Türkçeden İngilizceye Geçen Kelimeler (A ile D)

  • airan – ayran. Türkçede ayran olarak kullandığımız bu kelime İngilizcede doogh, Dhallë veya tan adıyla da anılır.
  • agha toplumsal alanda kullanılan bir unvan.
  • baklava, balaclava, paklava – baklava. İnce bir yufkanın arasına ezilmiş kuru yemiş koyularak yapılan bir geleneksel Türk tatlısı.
  • Balkan – Türkçede sıra “dağ” anlamına gelir. Dünya dillerine Türkçeden yayılmıştır.
  • ban – Türkçede çok önemli insan anlamına gelen “bayan” kelimesinin Avrupai hâlidir. İngilizcede vali anlamına gelir.
  • barchan – Barkan, dış kuvvetlerden olan rüzgarların çöl iklimi ve bu iklime benzer bölgelerde biriktirme ile oluşturduğu yarım ay şeklindeki kumul yığınına denir. Kırgız Türkçesinden Rusçaya oradan da İngilizceye geçmiştir.
  • bashaw, pasha – paşa. Osmanlı’nın üst düzey yöneticilerine verilen unvandır. Tarihî dönemde birçok farklı söylenişi vardır.
  • bashi-bazouk – Osmanlı ordusundaki bir kuvvetin adı, başıbozuklar.
  • beg, bey – bey, efendi.
  • Behcet – Kelime aslen Arapça olmakla birlikte, bu hastalık Türk doktor Hulusi Behçet’in adını taşımaktadır.
  • bergamot – bey armudu.
  • borek – börek.
  • bosh – boş, zırva, gereksiz söz. 19. yy.ın popüler romancısı J.J. Morier‘in Ayesha adlı romanında geçen kelime ilginç bir şekilde dünyanın ilk kelime trendlerinden biri hâline gelerek bir roman üzerinden İngilizceye girmiştir.
  • boyar – Rus aristokrat, önce Rusçaya sonra Rusçadan İngilizceye geçmiştir. (Türkçe bay kelimesinden)
  • bridge – briç oyunu, Türkçe borucu kelimesi önce Rusçaya oradan da İngilizceye geçmiştir.
  • bugger – Birleşik Krallık’ta bu terim, memnuniyetsizliği ima etmek ya da davranışı bir şekilde şaşırtıcı olan birine ya da bir şeye atıfta bulunmak için kullanılan genel amaçlı bir küfürdür.

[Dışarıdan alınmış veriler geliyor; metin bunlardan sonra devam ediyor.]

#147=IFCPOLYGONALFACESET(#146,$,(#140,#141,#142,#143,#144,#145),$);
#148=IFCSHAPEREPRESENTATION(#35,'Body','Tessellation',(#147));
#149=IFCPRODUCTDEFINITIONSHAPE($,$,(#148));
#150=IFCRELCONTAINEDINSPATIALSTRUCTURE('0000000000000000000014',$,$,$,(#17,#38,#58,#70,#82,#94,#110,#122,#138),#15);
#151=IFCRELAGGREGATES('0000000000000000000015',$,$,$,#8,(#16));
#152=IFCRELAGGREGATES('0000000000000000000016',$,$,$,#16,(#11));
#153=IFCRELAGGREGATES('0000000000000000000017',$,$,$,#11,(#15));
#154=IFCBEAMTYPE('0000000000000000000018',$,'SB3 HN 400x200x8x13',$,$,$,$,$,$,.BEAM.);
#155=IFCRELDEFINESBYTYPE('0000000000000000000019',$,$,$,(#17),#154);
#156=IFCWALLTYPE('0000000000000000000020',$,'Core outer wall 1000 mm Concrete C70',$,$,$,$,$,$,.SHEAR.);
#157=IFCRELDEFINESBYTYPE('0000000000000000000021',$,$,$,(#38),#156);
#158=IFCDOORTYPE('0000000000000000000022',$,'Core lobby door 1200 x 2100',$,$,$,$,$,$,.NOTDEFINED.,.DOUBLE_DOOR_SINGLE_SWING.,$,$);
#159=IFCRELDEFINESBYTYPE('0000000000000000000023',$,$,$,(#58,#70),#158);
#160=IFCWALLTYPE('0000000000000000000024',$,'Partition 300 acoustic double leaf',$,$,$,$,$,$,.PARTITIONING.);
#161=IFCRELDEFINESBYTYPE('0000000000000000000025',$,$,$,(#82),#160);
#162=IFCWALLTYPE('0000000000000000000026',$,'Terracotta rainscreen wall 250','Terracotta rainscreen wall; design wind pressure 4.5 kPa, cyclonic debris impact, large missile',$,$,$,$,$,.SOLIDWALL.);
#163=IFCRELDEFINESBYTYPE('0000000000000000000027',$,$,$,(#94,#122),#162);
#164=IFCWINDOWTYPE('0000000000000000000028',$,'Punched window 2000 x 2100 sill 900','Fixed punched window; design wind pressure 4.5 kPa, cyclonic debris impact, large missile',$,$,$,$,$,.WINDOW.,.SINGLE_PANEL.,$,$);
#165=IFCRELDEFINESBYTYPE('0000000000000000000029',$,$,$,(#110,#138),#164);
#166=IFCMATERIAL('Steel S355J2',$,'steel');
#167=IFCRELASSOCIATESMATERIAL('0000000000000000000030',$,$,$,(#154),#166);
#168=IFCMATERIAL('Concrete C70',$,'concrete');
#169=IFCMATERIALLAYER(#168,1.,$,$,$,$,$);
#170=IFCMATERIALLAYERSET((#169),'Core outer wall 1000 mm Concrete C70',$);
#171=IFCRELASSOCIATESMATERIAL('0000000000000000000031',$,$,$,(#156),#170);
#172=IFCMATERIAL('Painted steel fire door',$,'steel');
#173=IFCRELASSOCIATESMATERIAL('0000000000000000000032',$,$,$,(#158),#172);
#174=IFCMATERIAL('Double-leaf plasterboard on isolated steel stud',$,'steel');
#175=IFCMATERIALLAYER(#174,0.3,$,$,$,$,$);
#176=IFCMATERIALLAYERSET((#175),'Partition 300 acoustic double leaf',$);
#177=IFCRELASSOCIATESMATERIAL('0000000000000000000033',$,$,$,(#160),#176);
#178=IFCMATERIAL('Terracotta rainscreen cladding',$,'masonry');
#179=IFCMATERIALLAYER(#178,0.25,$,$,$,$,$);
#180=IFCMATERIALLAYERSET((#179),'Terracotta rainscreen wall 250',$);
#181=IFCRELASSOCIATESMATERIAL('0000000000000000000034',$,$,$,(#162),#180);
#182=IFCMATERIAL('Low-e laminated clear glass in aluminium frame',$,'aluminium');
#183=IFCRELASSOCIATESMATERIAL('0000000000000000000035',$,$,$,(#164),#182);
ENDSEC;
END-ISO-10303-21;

ABD’de, özellikle orta batı ve güneyde, argo ama rahatsız etmeyen bir söz olarak “küçük yaratık” anlamında kullanılır. Kelime daha Orta İngilizcede Türkçe bulgar “karışık, mecazen kâfir” kelimesinden alıntılanarak kullanılmaya başlanmıştır.
  • Bulgar – “Karışık millet” anlamında Türkçe bir kelimedir.
  • bulgur – bulgur.
  • caique – kayık.
  • calpak – kalpak.
  • caracal – karakulak.
  • caragana – Karagana, fabaceae familyasındaki Asya ve Doğu Avrupa’ya özgü yaklaşık 80-100 tür çiçekli bitki cinsidir. Kırgız Türkçesinden Rusça ve İngilizceye geçmiştir.

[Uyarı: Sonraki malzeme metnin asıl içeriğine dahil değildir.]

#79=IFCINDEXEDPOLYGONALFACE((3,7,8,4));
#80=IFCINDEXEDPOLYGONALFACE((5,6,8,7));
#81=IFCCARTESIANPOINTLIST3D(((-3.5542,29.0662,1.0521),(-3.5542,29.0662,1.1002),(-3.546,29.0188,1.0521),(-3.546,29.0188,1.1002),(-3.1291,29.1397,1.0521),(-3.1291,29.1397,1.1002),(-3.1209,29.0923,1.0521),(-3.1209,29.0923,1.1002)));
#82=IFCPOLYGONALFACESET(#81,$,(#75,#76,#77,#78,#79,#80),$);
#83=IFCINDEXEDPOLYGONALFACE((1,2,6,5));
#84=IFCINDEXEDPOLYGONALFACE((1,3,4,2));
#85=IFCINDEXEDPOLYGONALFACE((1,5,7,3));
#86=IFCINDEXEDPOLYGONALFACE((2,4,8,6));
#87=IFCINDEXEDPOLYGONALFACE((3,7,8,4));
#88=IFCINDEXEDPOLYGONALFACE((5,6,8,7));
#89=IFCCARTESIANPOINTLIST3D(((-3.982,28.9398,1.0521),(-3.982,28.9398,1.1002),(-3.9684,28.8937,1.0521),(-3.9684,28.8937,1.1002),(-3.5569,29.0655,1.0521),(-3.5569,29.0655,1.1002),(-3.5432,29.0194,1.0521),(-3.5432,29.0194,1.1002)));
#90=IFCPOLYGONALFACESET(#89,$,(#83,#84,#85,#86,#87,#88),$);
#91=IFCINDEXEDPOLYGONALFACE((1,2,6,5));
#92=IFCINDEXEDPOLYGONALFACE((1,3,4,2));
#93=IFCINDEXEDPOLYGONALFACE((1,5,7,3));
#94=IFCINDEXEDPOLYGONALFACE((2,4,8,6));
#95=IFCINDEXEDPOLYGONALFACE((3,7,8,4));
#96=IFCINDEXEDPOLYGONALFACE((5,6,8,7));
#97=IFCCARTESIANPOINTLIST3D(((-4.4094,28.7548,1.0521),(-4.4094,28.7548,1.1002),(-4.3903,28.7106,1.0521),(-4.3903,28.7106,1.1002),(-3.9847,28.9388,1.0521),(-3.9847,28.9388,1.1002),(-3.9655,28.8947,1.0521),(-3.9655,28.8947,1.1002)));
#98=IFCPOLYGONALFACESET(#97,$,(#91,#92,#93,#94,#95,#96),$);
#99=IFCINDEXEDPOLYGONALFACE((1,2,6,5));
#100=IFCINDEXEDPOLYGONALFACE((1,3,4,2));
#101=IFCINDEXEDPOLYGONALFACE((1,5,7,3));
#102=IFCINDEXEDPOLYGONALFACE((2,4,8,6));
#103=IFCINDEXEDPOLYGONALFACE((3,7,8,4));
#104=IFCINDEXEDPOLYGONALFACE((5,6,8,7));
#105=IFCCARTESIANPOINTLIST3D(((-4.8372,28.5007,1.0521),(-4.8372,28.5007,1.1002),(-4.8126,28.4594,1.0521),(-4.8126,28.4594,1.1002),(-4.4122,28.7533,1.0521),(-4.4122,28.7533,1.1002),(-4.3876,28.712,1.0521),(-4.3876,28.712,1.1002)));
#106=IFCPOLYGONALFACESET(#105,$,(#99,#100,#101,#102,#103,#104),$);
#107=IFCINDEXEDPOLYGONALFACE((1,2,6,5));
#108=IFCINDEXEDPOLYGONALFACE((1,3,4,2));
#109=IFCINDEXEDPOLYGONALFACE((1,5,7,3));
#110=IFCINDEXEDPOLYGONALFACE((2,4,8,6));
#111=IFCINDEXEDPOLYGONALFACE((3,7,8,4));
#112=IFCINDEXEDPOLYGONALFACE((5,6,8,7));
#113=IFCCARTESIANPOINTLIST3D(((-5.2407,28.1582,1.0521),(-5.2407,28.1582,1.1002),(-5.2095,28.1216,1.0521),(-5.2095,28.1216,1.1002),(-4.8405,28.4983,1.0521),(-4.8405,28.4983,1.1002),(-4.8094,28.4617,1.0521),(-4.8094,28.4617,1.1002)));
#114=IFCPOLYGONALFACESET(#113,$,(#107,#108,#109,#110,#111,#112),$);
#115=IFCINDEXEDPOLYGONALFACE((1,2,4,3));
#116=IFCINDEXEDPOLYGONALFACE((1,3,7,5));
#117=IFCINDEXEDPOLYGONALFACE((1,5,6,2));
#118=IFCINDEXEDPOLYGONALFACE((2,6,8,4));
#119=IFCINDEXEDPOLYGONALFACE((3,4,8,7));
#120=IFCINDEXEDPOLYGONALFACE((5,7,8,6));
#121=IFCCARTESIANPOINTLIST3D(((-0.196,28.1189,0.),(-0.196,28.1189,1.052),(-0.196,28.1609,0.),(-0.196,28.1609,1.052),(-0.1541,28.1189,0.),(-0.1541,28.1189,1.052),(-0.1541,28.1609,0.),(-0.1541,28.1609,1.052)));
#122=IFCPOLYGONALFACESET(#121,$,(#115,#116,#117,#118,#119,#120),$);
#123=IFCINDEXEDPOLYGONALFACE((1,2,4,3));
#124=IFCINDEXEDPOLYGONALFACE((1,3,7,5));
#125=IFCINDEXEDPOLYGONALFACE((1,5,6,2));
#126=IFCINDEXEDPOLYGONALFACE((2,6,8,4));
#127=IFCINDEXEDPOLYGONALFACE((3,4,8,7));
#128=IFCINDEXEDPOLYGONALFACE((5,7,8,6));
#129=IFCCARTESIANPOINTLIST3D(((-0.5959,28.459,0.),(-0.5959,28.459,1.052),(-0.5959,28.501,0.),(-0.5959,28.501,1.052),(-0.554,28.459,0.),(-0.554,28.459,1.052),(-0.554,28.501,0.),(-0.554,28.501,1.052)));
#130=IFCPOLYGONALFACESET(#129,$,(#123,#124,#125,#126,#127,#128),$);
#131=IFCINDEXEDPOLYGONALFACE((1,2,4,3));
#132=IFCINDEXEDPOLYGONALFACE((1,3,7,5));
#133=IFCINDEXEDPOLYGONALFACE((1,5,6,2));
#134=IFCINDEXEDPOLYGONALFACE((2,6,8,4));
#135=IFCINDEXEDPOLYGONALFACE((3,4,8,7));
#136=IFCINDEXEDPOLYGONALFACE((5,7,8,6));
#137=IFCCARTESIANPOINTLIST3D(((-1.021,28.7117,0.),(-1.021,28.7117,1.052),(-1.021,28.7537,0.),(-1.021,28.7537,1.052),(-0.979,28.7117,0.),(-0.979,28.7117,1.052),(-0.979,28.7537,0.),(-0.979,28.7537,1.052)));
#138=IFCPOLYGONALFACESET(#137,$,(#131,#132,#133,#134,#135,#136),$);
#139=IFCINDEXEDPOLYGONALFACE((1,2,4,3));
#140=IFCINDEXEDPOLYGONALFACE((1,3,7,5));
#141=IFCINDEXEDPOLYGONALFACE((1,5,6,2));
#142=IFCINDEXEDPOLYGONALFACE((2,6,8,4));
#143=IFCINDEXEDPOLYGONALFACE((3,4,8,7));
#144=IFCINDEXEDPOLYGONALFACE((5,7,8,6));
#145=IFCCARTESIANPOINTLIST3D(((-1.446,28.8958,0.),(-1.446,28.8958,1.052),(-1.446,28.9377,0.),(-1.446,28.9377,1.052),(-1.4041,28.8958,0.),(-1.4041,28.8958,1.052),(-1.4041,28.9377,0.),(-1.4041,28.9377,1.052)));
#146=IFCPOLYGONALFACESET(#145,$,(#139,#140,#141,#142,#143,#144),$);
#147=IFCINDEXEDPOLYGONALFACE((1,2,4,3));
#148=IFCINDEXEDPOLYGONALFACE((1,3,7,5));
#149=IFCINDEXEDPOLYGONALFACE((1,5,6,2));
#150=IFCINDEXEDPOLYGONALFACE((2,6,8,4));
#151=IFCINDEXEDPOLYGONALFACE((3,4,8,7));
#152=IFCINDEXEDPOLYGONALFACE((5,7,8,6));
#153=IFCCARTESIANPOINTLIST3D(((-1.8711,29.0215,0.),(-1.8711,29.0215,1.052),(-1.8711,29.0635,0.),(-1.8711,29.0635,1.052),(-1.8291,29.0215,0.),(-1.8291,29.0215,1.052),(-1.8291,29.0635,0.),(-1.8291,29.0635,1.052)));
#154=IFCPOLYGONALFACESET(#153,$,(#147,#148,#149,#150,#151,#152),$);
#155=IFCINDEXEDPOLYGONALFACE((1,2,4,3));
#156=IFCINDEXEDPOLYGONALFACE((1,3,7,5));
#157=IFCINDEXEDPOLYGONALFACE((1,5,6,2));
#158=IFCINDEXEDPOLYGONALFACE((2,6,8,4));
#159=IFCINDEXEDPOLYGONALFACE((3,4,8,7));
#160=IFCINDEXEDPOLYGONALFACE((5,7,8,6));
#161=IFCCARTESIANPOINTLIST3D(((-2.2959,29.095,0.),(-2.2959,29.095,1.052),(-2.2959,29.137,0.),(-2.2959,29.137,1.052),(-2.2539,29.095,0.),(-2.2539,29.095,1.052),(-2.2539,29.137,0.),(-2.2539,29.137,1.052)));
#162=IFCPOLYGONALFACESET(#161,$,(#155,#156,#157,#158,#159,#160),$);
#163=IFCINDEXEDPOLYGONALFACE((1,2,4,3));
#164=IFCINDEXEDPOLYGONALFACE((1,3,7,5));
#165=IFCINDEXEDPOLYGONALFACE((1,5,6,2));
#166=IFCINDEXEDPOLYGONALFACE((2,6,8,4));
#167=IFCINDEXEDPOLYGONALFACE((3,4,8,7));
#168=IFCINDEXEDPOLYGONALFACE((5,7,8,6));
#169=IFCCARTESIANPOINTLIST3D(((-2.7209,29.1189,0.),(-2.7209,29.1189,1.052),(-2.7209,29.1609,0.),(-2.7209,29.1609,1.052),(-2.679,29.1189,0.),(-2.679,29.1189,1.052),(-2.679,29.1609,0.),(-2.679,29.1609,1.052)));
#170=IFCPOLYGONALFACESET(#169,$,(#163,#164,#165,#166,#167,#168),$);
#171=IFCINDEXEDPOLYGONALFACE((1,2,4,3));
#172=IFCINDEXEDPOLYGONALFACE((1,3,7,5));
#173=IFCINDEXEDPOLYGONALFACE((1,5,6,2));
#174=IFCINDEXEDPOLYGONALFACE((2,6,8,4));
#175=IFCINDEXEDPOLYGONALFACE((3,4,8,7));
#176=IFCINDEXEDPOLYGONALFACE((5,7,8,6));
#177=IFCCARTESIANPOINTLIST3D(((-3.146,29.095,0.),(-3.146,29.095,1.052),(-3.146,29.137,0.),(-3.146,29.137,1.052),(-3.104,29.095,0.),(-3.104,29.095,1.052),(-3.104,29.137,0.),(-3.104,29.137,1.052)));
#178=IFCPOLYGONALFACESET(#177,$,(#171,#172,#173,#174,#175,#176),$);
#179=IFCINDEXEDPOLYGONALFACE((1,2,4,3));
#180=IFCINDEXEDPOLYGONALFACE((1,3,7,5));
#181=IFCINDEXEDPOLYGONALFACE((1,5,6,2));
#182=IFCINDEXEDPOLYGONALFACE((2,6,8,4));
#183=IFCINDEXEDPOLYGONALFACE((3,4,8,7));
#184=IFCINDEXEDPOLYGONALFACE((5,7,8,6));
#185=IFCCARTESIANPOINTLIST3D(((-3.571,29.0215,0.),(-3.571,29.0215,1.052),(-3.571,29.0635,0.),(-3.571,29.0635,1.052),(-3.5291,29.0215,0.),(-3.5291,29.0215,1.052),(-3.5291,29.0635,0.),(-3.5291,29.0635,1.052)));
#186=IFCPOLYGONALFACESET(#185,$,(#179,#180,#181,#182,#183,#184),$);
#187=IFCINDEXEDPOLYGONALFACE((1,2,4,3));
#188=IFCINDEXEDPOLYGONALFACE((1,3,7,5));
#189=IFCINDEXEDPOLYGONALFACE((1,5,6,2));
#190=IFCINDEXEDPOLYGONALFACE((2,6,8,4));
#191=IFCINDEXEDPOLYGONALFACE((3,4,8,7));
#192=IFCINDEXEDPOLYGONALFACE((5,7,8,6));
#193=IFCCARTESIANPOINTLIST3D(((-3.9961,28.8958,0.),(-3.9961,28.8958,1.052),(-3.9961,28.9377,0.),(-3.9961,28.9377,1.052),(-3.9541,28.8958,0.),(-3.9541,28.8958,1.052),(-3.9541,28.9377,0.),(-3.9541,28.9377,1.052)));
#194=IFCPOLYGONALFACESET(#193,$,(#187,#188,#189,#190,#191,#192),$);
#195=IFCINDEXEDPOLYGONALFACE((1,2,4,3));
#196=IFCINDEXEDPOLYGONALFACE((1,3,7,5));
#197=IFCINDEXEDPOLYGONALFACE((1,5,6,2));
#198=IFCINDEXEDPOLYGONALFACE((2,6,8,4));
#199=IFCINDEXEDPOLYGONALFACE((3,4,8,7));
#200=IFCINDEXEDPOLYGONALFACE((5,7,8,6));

  • cassock, cosaque – Türkçe kazak kelimesi “uzun ceket” anlamıyla İngilizceye geçtikten sonra anlam genişlemesine uğrayarak cübbe anlamına da gelmeye başlamıştır.
  • chibouk – Türkçedeki çubuk kelimesi İngilizcede uzun sigara anlamında kullanılmaktadır.

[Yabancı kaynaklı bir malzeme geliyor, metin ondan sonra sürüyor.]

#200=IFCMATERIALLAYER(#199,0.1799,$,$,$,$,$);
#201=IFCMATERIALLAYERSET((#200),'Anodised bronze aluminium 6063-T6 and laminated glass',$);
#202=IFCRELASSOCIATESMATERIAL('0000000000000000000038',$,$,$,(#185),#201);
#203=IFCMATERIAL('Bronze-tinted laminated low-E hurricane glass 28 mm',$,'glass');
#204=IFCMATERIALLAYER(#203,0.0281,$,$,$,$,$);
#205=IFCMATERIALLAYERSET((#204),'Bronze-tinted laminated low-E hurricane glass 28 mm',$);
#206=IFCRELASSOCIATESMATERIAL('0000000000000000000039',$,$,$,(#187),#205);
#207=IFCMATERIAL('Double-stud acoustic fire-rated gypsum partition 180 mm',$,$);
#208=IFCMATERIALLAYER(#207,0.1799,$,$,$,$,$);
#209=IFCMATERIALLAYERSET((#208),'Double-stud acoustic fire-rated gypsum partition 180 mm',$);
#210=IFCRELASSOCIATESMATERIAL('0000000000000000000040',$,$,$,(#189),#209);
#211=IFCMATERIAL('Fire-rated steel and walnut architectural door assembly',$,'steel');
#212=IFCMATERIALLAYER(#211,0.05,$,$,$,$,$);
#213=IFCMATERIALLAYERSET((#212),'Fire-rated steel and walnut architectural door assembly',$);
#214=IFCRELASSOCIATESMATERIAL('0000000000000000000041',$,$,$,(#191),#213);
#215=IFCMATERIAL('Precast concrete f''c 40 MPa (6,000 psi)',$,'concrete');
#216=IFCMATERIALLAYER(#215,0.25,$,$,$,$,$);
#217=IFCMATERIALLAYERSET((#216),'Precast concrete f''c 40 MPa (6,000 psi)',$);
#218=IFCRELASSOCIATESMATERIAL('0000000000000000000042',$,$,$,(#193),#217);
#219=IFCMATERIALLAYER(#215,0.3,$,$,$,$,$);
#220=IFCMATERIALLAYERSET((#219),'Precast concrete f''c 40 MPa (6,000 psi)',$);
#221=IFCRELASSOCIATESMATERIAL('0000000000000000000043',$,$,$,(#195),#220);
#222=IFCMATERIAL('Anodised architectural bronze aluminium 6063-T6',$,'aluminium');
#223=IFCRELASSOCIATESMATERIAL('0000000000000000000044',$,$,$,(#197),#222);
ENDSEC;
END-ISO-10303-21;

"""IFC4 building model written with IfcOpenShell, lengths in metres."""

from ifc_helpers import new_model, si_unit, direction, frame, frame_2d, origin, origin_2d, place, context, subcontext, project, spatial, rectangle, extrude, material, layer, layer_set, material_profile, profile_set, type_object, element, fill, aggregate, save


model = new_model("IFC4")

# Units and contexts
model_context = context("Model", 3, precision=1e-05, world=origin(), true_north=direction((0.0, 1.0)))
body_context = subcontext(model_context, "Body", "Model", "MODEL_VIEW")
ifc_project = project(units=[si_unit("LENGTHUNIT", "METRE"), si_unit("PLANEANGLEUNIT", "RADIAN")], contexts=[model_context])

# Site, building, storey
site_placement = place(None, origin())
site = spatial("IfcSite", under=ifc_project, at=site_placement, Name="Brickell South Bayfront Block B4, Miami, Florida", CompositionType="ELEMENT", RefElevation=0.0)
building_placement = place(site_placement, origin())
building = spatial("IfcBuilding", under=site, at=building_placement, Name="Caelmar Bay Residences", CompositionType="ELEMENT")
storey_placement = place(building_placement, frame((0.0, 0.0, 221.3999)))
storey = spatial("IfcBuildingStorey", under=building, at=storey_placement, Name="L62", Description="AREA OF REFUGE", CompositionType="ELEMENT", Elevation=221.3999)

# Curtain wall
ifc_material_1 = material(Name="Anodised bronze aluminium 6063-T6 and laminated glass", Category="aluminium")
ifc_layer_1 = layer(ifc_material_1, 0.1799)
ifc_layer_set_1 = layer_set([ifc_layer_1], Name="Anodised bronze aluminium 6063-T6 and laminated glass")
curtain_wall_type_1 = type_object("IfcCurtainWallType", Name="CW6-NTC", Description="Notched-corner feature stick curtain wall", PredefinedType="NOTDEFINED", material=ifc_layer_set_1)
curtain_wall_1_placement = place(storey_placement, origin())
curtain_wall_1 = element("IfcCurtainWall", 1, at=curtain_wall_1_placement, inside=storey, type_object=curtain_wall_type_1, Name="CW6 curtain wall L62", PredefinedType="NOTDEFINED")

  • coffee – Kahve. Türkçeye Arapçadan geçen bu kelime, Türkçeden İtalyancaya oradan da İngilizceye geçmiştir.
  • cossack – kazak.
  • dolma – dolma.
  • dolman – pelerin kollu kadın mantosu, Türkçe dolamandan alıntıdır.
  • dolmush – dolmuş.
  • domra – Dombra çalgısı. Kazak Türkçesinden alıntıdır.
  • doner – döner.
  • donmeh – dinden dönme.
  • dunam – dönüm (ölçü).

Türkçeden İngilizceye Geçen Sözcükler (E ile Y)

  • eleme (figs) – eleme incir kelimesi İngilizceye eleme figs olarak geçmiştir.
  • fez – Fes. Türkçeye Arapçadan geçen kelime İngilizceye ise Türkçeden geçmiştir.
  • giaour – Gâvur. Arapça kâfir kelimesinin Türkçeleşmiş hâli olan kâfir İngilizceye bu şekilde geçmiştir.
  • gilet – yelek.
  • harem – Kelime aslen Arapçadır. Bununla birlikte Türkçeden İngilizceye geçmiştir.
  • horde – Türkçe ordu kelimesi İngilizceye “ordu, sürü, kalabalık” anlamlarında geçmiştir.
  • Hungary – Macaristan. Eski Türkçe Onogur kelimesinden dünya dillerine geçmiştir.
  • Janissary – Yeniçeri.
  • karabash – karabaş.
  • kefir – kefir.
  • khagan, khan – kağan, han.
  • khatun – hatun
  • kielbasa – külbastı, bir ızgara sosu türü; Doğu Türkçesinden Avrupa dillerine geçmiştir.
  • kilij – kılıç
  • kiosk – Türkçedeki köşk kelimesinden alıntı olmasına rağmen bu kelime Türkçede de kiosk şeklinde yeniden alıntılanarak kullanılmaktadır.
  • kumiss – kımız.
  • kurbash – kırbaç.
  • kurgan – kurgan, içine çeşitli eşyalarla cesedin gömüldüğü mezar.
  • lackey, lacquey – uşak. Türkçe “haberci, iki kişi arasındaki aracılık işlerini gören kişi” anlamına gelen ulak kelimesinin İngilizcedeki hâlidir.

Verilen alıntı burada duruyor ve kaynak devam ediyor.